Superman is relatable in other ways. Kids grow up wanting to be the hero who wears a cape, can fly, is really strong, catches the girl, and kicks the butts of the bad guys.

These are things you can say about a lot of different heroes, sure, but I'm just saying that I think it's the fact that he's unrealistic which makes him relatable.

On the contrary, even Superman can't be in more than two places at once (at least not as far as I know; I only paid attention to the new movies with Henry Cavill). I seem to recall him being faced with tough moral challenges, he's responsible for looking after practically everybody, and his virtue is what makes him likable, and relatable in the sense that people wish they could attain that.


----------



## Bayview (Apr 12, 2018)

Even Superman has kryptonite, right? 

Is that just about plot, or is it characterization as well?


----------



## Annoying kid (Apr 12, 2018)

Pepys said:


> I beg to differ. I love Superman, and I grant you he's a cultural staple, but in my opinion he's not a great character. No more than are Bugs Bunny, Donald Duck and Mickey Mouse, who are also worldwide cultural staples (and loved world over).
> 
> Great characters have depth, complexity, contradictions, internal conflicts, and usually (but, I'll concede, not always) a character arc - they change, grow, learn new things, make mistakes along the way. They're relatable. Superman isn't.



It's elitism to say complexity is inherently better than simplicity. Nor is change for the sake of change, particularly compelling. Characters are not real people, they are concepts. They serve narrative function beyond imitating real human beings, because a character that imitates a real human in all our contradictory complexity is destined to fall short. Superman, as the "Man of Tommorow" is supposed to represent what humanity can be if they strive to make positive choices. That's the fundamental concept of his character. He therefore doesn't work on a fundamental level if you make him "one of us" as we are now.  He just becomes dudebro with powers. His powers are not what makes him Superman.

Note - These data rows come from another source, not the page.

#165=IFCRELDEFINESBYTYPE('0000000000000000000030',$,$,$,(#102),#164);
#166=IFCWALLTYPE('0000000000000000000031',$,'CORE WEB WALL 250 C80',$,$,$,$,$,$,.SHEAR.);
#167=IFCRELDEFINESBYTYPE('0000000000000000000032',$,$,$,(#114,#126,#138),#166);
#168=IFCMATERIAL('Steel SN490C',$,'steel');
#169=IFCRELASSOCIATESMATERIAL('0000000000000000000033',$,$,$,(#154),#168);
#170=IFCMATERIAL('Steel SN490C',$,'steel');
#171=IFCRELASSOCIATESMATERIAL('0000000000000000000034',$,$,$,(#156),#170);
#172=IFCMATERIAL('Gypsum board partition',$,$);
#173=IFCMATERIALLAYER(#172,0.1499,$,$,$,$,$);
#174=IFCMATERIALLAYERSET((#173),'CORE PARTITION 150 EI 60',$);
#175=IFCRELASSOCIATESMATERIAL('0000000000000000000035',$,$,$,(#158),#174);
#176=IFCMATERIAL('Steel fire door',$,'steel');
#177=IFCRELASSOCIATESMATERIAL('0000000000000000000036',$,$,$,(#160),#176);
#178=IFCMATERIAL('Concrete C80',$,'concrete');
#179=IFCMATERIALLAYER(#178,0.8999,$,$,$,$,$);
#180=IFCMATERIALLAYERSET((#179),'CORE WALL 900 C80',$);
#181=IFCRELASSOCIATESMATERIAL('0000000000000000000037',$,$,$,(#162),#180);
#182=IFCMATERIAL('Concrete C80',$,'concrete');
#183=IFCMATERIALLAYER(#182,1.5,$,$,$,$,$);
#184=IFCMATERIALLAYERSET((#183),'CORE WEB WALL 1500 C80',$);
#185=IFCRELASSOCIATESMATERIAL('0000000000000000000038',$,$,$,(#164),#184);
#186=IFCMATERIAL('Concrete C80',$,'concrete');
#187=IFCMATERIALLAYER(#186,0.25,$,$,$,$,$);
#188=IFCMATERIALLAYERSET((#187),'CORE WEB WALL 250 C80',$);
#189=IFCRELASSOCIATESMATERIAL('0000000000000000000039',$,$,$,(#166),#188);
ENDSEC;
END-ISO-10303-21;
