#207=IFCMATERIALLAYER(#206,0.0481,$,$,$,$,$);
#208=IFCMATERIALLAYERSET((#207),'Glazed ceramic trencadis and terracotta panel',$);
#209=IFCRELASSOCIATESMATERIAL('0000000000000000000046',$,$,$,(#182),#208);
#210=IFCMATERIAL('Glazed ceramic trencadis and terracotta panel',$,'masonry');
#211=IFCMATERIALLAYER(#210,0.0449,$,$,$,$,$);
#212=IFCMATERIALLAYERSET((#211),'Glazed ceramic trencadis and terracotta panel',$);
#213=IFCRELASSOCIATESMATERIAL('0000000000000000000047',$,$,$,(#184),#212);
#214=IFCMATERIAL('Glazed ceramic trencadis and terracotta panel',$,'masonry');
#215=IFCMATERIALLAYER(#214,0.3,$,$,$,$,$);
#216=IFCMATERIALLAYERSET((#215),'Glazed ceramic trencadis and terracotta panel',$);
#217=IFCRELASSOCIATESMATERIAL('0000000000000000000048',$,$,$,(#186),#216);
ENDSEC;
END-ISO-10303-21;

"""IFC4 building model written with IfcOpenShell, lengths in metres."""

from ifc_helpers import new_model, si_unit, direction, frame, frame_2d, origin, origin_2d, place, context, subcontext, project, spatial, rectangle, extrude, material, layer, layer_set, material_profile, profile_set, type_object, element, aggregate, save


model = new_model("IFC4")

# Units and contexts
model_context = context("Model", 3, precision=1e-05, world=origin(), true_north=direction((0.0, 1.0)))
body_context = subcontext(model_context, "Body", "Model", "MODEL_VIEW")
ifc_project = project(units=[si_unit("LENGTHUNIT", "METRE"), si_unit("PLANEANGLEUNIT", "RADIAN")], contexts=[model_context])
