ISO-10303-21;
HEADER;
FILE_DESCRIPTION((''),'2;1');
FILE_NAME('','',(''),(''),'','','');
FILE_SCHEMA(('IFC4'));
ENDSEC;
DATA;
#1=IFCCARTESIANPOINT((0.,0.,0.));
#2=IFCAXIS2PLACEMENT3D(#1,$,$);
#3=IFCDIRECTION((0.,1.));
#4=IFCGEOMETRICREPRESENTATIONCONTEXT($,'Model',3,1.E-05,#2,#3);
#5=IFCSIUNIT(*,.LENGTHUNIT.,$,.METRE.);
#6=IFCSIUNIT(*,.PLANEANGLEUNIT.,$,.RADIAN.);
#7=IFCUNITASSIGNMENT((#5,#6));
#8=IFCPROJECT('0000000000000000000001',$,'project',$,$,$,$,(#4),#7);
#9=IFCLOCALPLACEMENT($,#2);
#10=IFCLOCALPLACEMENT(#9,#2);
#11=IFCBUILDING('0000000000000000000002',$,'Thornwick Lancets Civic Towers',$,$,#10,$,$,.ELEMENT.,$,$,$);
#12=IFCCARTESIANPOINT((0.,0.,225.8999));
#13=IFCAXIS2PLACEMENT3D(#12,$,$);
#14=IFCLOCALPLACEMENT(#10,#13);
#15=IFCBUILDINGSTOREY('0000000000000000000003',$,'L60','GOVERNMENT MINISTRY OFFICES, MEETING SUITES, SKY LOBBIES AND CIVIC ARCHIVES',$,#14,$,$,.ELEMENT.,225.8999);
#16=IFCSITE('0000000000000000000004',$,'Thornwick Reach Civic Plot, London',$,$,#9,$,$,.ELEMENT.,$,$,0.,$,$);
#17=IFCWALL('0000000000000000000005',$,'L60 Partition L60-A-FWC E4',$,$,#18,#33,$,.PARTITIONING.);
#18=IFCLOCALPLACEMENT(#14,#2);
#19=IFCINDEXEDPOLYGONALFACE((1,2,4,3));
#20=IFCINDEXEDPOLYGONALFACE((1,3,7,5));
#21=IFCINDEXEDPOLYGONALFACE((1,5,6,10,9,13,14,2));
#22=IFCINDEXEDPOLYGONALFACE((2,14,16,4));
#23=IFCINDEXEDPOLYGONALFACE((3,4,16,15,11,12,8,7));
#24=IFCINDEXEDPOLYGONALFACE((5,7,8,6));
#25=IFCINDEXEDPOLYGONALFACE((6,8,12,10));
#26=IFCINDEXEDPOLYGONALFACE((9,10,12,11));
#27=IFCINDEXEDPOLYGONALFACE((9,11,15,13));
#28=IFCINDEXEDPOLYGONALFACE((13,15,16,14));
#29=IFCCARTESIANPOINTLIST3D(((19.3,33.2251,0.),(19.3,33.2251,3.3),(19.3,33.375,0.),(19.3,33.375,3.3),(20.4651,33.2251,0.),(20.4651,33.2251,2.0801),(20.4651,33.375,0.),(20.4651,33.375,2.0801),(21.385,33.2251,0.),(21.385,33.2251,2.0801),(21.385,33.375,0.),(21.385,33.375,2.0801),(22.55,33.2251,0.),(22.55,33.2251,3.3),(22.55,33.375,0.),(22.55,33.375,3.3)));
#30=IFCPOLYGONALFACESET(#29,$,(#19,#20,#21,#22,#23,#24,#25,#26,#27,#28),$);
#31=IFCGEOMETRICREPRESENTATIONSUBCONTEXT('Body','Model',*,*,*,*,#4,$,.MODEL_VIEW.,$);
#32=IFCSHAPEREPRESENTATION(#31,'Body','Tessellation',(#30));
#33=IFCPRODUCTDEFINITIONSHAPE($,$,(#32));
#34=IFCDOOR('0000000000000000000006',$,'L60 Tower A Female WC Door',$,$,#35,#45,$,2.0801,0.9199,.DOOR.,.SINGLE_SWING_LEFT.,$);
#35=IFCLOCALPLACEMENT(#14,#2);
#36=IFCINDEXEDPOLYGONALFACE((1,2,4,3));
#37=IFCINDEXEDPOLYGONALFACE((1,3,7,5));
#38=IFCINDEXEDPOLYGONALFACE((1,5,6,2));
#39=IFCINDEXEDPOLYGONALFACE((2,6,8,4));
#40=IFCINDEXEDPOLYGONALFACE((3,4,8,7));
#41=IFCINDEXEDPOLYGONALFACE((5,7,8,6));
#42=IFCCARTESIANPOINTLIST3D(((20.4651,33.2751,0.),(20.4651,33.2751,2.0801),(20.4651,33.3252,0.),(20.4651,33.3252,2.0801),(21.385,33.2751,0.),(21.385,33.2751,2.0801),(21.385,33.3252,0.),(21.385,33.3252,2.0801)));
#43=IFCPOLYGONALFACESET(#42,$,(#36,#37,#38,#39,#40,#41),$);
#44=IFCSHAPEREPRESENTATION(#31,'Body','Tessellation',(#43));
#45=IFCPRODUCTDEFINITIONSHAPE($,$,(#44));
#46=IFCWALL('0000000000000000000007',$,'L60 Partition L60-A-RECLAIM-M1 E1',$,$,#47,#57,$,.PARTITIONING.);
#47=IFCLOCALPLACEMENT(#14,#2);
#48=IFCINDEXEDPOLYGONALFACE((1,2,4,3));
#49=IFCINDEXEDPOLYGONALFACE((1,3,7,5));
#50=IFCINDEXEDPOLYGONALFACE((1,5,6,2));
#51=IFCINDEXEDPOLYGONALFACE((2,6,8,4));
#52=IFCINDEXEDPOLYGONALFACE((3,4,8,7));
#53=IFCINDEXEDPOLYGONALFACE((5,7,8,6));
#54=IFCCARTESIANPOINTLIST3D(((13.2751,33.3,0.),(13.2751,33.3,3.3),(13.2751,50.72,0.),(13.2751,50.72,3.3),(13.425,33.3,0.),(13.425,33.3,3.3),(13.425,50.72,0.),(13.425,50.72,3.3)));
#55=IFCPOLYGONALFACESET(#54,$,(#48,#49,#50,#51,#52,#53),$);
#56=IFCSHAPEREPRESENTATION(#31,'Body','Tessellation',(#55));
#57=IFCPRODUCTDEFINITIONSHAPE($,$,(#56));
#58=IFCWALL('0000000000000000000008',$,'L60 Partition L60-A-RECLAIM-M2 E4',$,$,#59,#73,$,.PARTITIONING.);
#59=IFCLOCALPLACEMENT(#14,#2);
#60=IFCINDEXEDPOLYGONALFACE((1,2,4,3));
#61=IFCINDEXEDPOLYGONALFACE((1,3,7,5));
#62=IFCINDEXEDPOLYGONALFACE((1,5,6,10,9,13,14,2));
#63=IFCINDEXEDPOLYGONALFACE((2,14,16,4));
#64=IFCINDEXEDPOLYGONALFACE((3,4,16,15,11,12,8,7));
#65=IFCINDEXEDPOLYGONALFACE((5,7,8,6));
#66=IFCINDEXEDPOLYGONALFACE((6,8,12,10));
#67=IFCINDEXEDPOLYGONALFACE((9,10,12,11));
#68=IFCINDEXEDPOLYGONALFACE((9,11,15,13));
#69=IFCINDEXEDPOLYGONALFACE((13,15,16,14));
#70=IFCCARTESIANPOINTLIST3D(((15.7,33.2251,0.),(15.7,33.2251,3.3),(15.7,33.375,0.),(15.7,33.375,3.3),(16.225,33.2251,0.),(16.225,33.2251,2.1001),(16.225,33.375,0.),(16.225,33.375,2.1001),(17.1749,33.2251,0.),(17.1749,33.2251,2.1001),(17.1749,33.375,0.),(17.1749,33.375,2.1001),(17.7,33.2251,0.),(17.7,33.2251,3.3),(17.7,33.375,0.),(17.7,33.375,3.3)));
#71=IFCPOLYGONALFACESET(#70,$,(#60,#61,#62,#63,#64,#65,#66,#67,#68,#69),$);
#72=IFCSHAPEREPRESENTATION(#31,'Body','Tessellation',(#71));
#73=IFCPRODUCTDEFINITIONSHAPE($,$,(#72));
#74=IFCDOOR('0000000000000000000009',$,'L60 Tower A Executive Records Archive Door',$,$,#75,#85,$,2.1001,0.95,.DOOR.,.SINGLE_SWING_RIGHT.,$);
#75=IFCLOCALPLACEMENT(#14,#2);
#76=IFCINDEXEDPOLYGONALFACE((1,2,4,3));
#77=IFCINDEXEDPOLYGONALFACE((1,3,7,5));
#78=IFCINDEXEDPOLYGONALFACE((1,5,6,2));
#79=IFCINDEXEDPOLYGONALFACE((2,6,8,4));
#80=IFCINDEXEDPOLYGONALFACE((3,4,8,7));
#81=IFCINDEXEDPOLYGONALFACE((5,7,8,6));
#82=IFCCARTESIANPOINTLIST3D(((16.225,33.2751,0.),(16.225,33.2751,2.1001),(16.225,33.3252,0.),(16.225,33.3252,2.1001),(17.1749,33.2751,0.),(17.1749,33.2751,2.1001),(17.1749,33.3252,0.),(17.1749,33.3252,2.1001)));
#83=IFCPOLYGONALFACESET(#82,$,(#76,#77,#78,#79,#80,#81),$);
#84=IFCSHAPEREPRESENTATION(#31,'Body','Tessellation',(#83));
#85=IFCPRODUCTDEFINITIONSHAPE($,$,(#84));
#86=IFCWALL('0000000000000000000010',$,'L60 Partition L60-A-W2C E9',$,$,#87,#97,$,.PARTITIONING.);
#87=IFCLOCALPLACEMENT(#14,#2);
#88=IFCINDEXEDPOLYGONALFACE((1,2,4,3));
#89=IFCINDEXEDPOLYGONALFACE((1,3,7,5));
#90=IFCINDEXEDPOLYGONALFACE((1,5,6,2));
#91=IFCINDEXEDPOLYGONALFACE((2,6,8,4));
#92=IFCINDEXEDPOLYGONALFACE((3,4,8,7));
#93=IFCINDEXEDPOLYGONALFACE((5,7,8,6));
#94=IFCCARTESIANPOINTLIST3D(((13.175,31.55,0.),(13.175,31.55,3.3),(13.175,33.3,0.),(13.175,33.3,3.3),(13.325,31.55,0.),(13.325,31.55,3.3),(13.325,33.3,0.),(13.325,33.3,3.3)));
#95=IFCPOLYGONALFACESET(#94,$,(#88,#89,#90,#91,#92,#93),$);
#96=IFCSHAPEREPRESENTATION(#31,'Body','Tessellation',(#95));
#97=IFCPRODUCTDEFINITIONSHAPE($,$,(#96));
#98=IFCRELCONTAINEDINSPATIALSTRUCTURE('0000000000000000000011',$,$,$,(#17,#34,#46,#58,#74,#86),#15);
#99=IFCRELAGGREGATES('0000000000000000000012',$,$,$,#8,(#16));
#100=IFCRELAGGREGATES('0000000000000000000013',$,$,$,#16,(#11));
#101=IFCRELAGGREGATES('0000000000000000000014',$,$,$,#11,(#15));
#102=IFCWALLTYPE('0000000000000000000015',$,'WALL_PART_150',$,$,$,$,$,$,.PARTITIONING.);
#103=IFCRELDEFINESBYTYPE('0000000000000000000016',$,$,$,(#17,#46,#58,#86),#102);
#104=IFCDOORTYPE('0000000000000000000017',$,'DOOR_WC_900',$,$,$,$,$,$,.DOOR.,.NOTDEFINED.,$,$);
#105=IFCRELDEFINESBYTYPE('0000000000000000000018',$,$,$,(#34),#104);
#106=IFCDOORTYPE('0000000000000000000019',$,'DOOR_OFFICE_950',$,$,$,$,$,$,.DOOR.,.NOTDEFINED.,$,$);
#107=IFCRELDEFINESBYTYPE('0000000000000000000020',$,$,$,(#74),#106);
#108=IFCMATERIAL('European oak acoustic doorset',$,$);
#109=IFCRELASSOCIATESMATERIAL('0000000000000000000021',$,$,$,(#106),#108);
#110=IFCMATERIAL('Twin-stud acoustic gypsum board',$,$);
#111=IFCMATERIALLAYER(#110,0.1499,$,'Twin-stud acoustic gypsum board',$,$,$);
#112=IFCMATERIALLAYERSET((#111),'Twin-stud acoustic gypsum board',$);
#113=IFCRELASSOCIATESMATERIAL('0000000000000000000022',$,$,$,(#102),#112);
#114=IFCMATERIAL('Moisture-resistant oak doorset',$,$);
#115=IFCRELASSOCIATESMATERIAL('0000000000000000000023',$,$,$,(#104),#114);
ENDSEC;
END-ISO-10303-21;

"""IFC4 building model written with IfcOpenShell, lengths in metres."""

from ifc_helpers import new_model, si_unit, direction, frame, frame_2d, origin, place, context, subcontext, project, spatial, rectangle, extrude, material, layer, layer_set, type_object, element, fill, save


model = new_model("IFC4")

# Units and contexts
model_context = context("Model", 3, precision=1e-05, world=origin(), true_north=direction((0.0, 1.0)))
body_context = subcontext(model_context, "Body", "Model", "MODEL_VIEW")
ifc_project = project(units=[si_unit("LENGTHUNIT", "METRE"), si_unit("PLANEANGLEUNIT", "RADIAN")], contexts=[model_context])

# Site, building, storey
site_placement = place(None, origin())
site = spatial("IfcSite", under=ifc_project, at=site_placement, Name="Thornwick Reach Civic Plot, London", CompositionType="ELEMENT", RefElevation=0.0)
building_placement = place(site_placement, origin())
building = spatial("IfcBuilding", under=site, at=building_placement, Name="Thornwick Lancets Civic Towers", CompositionType="ELEMENT")
storey_placement = place(building_placement, frame((0.0, 0.0, 225.8999)))
storey = spatial("IfcBuildingStorey", under=building, at=storey_placement, Name="L60", Description="GOVERNMENT MINISTRY OFFICES, MEETING SUITES, SKY LOBBIES AND CIVIC ARCHIVES", CompositionType="ELEMENT", Elevation=225.8999)

# Shared definitions
ifc_material_1 = material(Name="European oak acoustic doorset")
door_type_1 = type_object("IfcDoorType", Name="DOOR_OFFICE_950", OperationType="NOTDEFINED", PredefinedType="DOOR", material=ifc_material_1)

# Shared definitions
ifc_material_2 = material(Name="Twin-stud acoustic gypsum board")
ifc_layer_1 = layer(ifc_material_2, 0.1499, Name="Twin-stud acoustic gypsum board")
ifc_layer_set_1 = layer_set([ifc_layer_1], Name="Twin-stud acoustic gypsum board")
wall_type_1 = type_object("IfcWallType", Name="WALL_PART_150", PredefinedType="PARTITIONING", material=ifc_layer_set_1)

# Wall, opening, door
wall_1_placement = place(storey_placement, frame((22.55, 33.3, 0.0), z_axis=(0.0, 0.0, 1.0), x_axis=(-1.0, 0.0, 0.0)))
wall_1 = element("IfcWall", 1, at=wall_1_placement, inside=storey, type_object=wall_type_1, Name="L60 Partition L60-A-FWC E4", PredefinedType="PARTITIONING", context=body_context, shape_type="SweptSolid", body=[
    extrude(rectangle(XDim=3.25, YDim=0.1499, at=frame_2d((1.625, 0.0))), origin(), (0.0, 0.0, 1.0), 3.3),
])
opening_1_placement = place(wall_1_placement, frame((1.165, 0.0, 0.0)))
opening_1 = element("IfcOpeningElement", 2, at=opening_1_placement, cuts=wall_1, PredefinedType="OPENING", context=body_context, shape_type="SweptSolid", body=[
    extrude(rectangle(XDim=0.9199, YDim=2.0801, at=frame_2d((0.46, 1.04))), frame((0.0, 0.085, 0.0), z_axis=(0.0, -1.0, 0.0), x_axis=(1.0, 0.0, 0.0)), (0.0, 0.0, 1.0), 0.1699),
])
ifc_material_3 = material(Name="Moisture-resistant oak doorset")
door_type_2 = type_object("IfcDoorType", Name="DOOR_WC_900", OperationType="NOTDEFINED", PredefinedType="DOOR", material=ifc_material_3)
door_1_placement = place(opening_1_placement, origin())
door_1 = element("IfcDoor", 3, at=door_1_placement, inside=storey, type_object=door_type_2, Name="L60 Tower A Female WC Door", OperationType="SINGLE_SWING_LEFT", OverallHeight=2.0801, OverallWidth=0.9199, PredefinedType="DOOR", context=body_context, shape_type="SweptSolid", body=[
    extrude(rectangle(XDim=0.9199, YDim=2.0801, at=frame_2d((0.46, 1.04))), frame((0.0, 0.0249, 0.0), z_axis=(0.0, -1.0, 0.0), x_axis=(1.0, 0.0, 0.0)), (0.0, 0.0, 1.0), 0.05),
])
fill(opening_1, door_1)

# Wall
wall_2_placement = place(storey_placement, frame((13.3501, 33.3, 0.0), z_axis=(0.0, 0.0, 1.0), x_axis=(0.0, 1.0, 0.0)))
element("IfcWall", 4, at=wall_2_placement, inside=storey, type_object=wall_type_1, Name="L60 Partition L60-A-RECLAIM-M1 E1", PredefinedType="PARTITIONING", context=body_context, shape_type="SweptSolid", body=[
    extrude(rectangle(XDim=17.4199, YDim=0.1499, at=frame_2d((8.71, 0.0))), origin(), (0.0, 0.0, 1.0), 3.3),
])

# Wall, opening, door
wall_3_placement = place(storey_placement, frame((17.7, 33.3, 0.0), z_axis=(0.0, 0.0, 1.0), x_axis=(-1.0, 0.0, 0.0)))
wall_3 = element("IfcWall", 5, at=wall_3_placement, inside=storey, type_object=wall_type_1, Name="L60 Partition L60-A-RECLAIM-M2 E4", PredefinedType="PARTITIONING", context=body_context, shape_type="SweptSolid", body=[
    extrude(rectangle(XDim=2.0, YDim=0.1499, at=frame_2d((1.0, 0.0))), origin(), (0.0, 0.0, 1.0), 3.3),
])
opening_2_placement = place(wall_3_placement, frame((0.5249, 0.0, 0.0)))
opening_2 = element("IfcOpeningElement", 6, at=opening_2_placement, cuts=wall_3, PredefinedType="OPENING", context=body_context, shape_type="SweptSolid", body=[
    extrude(rectangle(XDim=0.95, YDim=2.1001, at=frame_2d((0.4751, 1.05))), frame((0.0, 0.085, 0.0), z_axis=(0.0, -1.0, 0.0), x_axis=(1.0, 0.0, 0.0)), (0.0, 0.0, 1.0), 0.1699),
])
door_2_placement = place(opening_2_placement, origin())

Take a literary example. Sara Crewe from A Little Princess. All having her beat up another kid in rage, (realistic flaw: abused children can lash out) or cuss out Miss Minchin-   would have done is dilute the book's central theme.


----------



## Pepys (Apr 12, 2018)

Annoying kid said:


> It's elitism to say complexity is inherently better than simplicity.



Why is that elitism? 

It's not only intellectuals who appreciate and understand complexity. We're a complex species. Complexity is an innate part of being a modern human being (homo sapiens). It's endlessly fascinating. It's nothing to do with privilege, background or education.


----------



## Kevin (Apr 12, 2018)

Flaw.

Superman is boring. It's always a forgone conclusion whats going to happen: superman wins. Every...stupid...time. This is just my opinion but simplicity is boring. So is predictability. When you know that he's going win every...stupid...time, its like the most bland, yet most popular hamburger with salt, grease, and ketchup ( sugar), it's boring. 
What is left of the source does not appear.